Давно она не собиралась так быстро, как сейчас. И макияжу уделила совсем чуть-чуть времени, как в молодости. Однако сразу выскользнуть из дома не удалось. Мать настигла Людмилу в прихожей, предусмотрительно отгородилась от отца дверью и спросила:

— Куда ты собралась, Люда?

— К подружке, — ответила та, вспомнив уловки студенческой поры. — Возможно, заночую у нее.

Недоверчиво тараща глаза, мать осведомилась:

— К какой еще подружке?

— К обычной подружке.

— Это ты с ней сейчас по телефону разговаривала?

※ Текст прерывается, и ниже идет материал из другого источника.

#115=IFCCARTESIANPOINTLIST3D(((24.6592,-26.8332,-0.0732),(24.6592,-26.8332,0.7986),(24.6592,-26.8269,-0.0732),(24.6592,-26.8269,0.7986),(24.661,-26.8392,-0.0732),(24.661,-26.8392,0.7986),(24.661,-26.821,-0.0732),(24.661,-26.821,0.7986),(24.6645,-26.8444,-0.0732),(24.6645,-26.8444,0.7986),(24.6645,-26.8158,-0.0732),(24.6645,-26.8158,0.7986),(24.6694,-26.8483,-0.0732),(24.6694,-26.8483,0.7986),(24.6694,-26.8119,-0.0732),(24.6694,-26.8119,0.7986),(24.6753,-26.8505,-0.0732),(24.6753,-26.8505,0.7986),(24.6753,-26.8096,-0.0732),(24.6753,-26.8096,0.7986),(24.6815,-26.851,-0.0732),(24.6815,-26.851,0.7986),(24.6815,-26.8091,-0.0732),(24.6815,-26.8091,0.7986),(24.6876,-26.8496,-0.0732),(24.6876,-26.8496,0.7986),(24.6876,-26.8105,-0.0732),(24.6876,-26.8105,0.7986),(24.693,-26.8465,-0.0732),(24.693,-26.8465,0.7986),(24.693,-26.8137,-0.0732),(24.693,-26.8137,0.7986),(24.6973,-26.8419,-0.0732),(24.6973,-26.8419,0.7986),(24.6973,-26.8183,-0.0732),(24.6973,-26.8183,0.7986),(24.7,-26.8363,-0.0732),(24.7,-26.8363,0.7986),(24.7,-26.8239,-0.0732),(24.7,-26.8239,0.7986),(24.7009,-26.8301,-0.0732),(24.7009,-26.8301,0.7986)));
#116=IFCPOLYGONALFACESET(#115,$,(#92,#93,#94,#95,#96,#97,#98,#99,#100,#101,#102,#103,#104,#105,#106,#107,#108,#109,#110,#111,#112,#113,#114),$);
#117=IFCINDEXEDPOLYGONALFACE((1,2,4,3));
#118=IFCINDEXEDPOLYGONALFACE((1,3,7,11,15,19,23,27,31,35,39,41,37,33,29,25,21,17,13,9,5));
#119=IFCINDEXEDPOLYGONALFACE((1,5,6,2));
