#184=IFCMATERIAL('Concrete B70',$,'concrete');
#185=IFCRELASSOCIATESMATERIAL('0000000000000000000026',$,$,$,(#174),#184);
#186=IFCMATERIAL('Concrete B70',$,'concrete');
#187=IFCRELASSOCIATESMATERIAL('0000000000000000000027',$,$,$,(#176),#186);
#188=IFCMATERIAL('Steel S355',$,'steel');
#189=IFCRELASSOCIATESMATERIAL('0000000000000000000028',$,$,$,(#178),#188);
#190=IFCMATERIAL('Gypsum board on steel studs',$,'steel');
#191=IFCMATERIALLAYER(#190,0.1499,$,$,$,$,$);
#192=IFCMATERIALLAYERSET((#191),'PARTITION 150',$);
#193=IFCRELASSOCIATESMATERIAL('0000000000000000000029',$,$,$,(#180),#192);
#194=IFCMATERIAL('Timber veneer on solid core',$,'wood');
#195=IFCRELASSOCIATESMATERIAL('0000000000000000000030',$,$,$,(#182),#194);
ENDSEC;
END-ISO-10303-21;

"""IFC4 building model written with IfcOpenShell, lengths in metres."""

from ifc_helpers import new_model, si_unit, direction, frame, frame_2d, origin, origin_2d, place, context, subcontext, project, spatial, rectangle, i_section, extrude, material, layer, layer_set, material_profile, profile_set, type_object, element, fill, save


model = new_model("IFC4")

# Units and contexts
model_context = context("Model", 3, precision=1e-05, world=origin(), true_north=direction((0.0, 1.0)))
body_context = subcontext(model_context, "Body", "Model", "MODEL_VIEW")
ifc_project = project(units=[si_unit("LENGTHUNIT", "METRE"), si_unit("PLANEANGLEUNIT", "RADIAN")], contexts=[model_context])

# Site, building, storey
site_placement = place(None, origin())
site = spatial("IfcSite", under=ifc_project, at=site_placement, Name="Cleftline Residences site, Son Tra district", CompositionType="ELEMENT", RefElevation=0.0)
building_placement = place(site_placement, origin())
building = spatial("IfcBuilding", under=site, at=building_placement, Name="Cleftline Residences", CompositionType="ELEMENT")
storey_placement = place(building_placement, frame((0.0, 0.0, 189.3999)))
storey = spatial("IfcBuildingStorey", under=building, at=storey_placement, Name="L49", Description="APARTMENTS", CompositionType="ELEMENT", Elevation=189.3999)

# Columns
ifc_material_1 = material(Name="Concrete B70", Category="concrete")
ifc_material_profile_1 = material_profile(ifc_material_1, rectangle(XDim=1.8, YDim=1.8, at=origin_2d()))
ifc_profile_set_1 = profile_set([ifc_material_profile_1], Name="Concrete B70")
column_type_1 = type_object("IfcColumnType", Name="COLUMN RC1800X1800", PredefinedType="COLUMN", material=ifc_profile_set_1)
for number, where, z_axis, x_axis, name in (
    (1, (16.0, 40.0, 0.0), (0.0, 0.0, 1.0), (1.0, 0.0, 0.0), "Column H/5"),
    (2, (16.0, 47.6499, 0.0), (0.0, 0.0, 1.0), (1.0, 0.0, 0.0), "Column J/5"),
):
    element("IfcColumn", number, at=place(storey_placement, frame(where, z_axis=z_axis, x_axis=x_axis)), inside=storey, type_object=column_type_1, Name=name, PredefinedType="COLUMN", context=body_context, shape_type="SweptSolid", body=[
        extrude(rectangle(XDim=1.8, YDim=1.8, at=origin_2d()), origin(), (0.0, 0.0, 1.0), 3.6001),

— Ага, — беспечно подтвердила Людмила. — С ней.

— И зовут ее Андрюша!

— Мама! Я не маленькая девочка!

— А ведешь себя хуже маленькой. Судя по твоим репликам, у твоего Андрея какие-то неприятности. Нелады с законом, конкретней выражаясь. Я права?

Мать была права, но Людмила не собиралась подтверждать это. В целях самозащиты она предпочла задать встречный вопрос:

— Ты подслушивала?

— Просто слушала, — поправила ее ничуть не смутившаяся мать. — Ты достаточно громко говорила.

«Эх, нужно было воду из крана пустить, — запоздало подумала Людмила. — Как в старые добрые времена».

— Чтобы слышать, нужно было вплотную к двери стоять, — обронила она. — Приложив ухо.

— Как ты можешь?! — возмутилась мать. — Неужели я хоть когда-нибудь шпионила за тобой? Дожили… Эх…

Проследив за заученным жестом, которым материнская рука схватилась за левую сторону груди, Людмила торопливо сказала:

— Ничего такого я не думаю. Услышала и услышала. У меня от тебя секретов нет.

— Людочка, доченька, не ходи никуда. Останься.

— Не могу. Я должна, мамочка. Моя профессия…

— Твоя дурость! — перебила мать, резко меняя тон. — Доверчивость твоя вечная. Хватит уже, хватит! Остановись, дочка! — Материнский голос приобрел металлическое звучание горна, трубящего тревогу. — Одумайся! Не ввязывайся в чужие неприятности. Погубит тебя твой Андрюша.

— И пусть!

Это было произнесено импульсивно и потому совершенно искренне. Выскользнув из прихожей, Людмила понеслась вниз по лестнице, едва успевая касаться каблуками ступеней.